I think they do come with some warranty. I personally would not be afraid to get a refurbished Onkyo from those guys.

If your upper limit is $1000, you might be able to get an upgrade, but I think it would still take the base of a refurbished onkyo AVR to meet that budget. I'm not sure what the best budget 5.1 speaker system would meet your goals. Maybe others will know.


----------



## Raikugen (Jul 6, 2011)

I see. You have been a tremendous help my friend. I'm very happy you let me know about this site and this speaker set. I will definitely be coming back here once I have enough to built my own home theater system.


----------



## Jungle Jack (Jul 28, 2009)

Hello,
JBL Makes some very nice Active Monitors that sell for the absurdly low price of 200 Dollars a Each. Here is the link: http://www.sweetwater.com/store/detail/LSR2325P 5 of those coupled with a Dayton Sub 120 from Parts Express for 129 Dollars:http://www.parts-express.com/pe/showdetl.cfm?partnumber=300-635&utm_source=googleps
And finally an Onkyo HT-RC180 for 349 Dollars (1049 MSRP)http://www.accessories4less.com/mak...RC180-Thx-7.2-channel-Network-Receiver/1.html

For under 1500 Dollars ($1478 Dollars) you would have a pretty fantastic sounding HT that will utterly trounce an HTIB. The Onkyo was the least expensive AVR I could find with the Preamp Outputs that are essential for using Active Speakers and was reasonably up to date. The only thing lost is 3D Passthrough with AVR, but you could always Connect 3D Sources directly to the TV and many 3D Source Components offer Dual HDMI Outputs for assigning one for the TV and one for the 

If needing to stay closer to 1000 Dollars, you could use 3 JBL's and a pair of Behringer 2030a's for 218 Dollars a Pair from Markertek:http://www.markertek.com/Audio-Equipment/Speakers/2-Way-Speakers/Behringer/B2030P.xhtml and the Onkyo for
AVR and the total would be $1,167 Dollars.
Cheers,
JJ


----------



## Guest (Jul 6, 2011)

How do active speakers work with a active AVR?

Is that Dayton sub really all that nice? That driver looks cheaper,flimsier then their starter DVC subs. http://www.parts-express.com/pe/showdetl.cfm?Partnumber=295-488 I guess looks can be deceiving.
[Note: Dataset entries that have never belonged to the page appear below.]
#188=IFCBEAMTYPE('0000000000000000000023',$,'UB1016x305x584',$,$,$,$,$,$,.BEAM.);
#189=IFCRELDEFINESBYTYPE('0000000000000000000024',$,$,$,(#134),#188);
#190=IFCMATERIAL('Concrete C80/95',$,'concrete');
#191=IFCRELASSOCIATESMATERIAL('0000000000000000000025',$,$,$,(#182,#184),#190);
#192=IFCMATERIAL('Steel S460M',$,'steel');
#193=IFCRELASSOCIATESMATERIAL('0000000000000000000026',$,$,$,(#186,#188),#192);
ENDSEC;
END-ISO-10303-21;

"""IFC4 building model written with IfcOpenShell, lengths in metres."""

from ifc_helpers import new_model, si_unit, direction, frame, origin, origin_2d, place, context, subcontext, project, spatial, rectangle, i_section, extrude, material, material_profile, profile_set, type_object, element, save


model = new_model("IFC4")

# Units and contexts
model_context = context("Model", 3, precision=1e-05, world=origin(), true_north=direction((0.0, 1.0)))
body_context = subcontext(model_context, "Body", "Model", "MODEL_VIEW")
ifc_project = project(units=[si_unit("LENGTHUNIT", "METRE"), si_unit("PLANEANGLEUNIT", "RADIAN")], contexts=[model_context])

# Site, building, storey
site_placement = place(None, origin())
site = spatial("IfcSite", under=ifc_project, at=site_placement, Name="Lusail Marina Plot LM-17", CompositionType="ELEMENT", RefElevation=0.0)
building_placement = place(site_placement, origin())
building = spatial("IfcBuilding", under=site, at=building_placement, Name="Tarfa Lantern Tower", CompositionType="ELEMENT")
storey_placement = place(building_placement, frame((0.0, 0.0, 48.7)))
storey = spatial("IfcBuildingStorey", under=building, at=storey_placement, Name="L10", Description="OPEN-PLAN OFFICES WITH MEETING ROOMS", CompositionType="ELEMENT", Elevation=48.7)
I'm sure the cheap dayton subs put overpriced big box store starter subs to shame, but how nice are they really?

The internet is full of so many companies now that offer some really really cheap stuff. I've read good things about them, but it's really hard to know without actually being able to demo them myself. One of the brands that kind of sticks out for me is Elemental Designs. Mainly because they offer a 5 year warranty like Emotiva, but offer even more affordable speakers. http://www.edesignaudio.com/product_info.php?cPath=2_42&products_id=971 I've just never heard them. They don't seem to offer a 30 day in home trial like Emotiva does.


----------



## Raikugen (Jul 6, 2011)

Wow those speakers look absolutely godlike. So if I were to assemble this system you created, would it be leagues better then the onkyo? I just ask because if it costs only that much more to have a really great sound system then I'm all for it.


----------



## Superior Audio (Feb 27, 2008)

Leagues better dude. To the point of no competition even.


----------



## Raikugen (Jul 6, 2011)

Then it would seem I have my answer. Thank you all of you for your help I can't wait to begin collecting!


----------



## Jungle Jack (Jul 28, 2009)

Hello,
Just to answer your question about Active Speakers with an AVR, if you purchased 5 of them, the AVR would be used as a Preamp Processor or SSP where the AVR will not be presented with any sort of speaker load.. There are I believe 7 Amplified Channels on the 180 so you could add Surround Back Right and Surround Back Left Channels like the Behringer 2030a for 219 a Pair when the budget presents.
Cheers,
JJ


----------



## Guest (Jul 6, 2011)

Jungle Jack said:


> Hello,
> Just to answer your question about Active Speakers with an AVR, if you purchased 5 of them, the AVR would be used as a Preamp Processor or SSP where the AVR will not be presented with any sort of speaker load.. There are I believe 7 Amplified Channels on the 180 so you could add Surround Back Right and Surround Back Left Channels like the Behringer 2030a for 219 a Pair when the budget presents.
> Cheers,
> JJ


Okay, I didn't realize the AVR link you posted had pre-outs. Still, to use actives for HT would require power outlets near each speaker and wouldn't long runs of RCA cable could cause signal degradation problems? Seems like it would be very difficult for a clean install.


----------



## Jungle Jack (Jul 28, 2009)

Generic said:


> Okay, I didn't realize the AVR link you posted had pre-outs. Still, to use actives for HT would require power outlets near each speaker and wouldn't long runs of RCA cable could cause signal degradation problems? Seems like it would be very difficult for a clean install.


Hello,
Longer RCA runs are often preferred to Speaker Cable. Many choose Monoblock Power Amplifiers for this very reason. You can even purchase Flat RCA Cables if there are concerns about how the Install looks. As for Power Cables, I have had them for all Speakers since using Martin Logans for close to 5 Years in my HT and have always made it work. You could always go with an Passive Monitor like the Behringer or better yet a JBL Model if using JBL's for the Mains and Center Channel.
Cheers,
JJ


----------



## Raikugen (Jul 6, 2011)

I have a question about the JBL speakers. Are they powered through the receiver or do they need to be plugged into outlets of their own? Also on the back of them i noticed there is knobs for volume on both the speakers and the sub how do i go about calibrating these correctly?


----------



## Jungle Jack (Jul 28, 2009)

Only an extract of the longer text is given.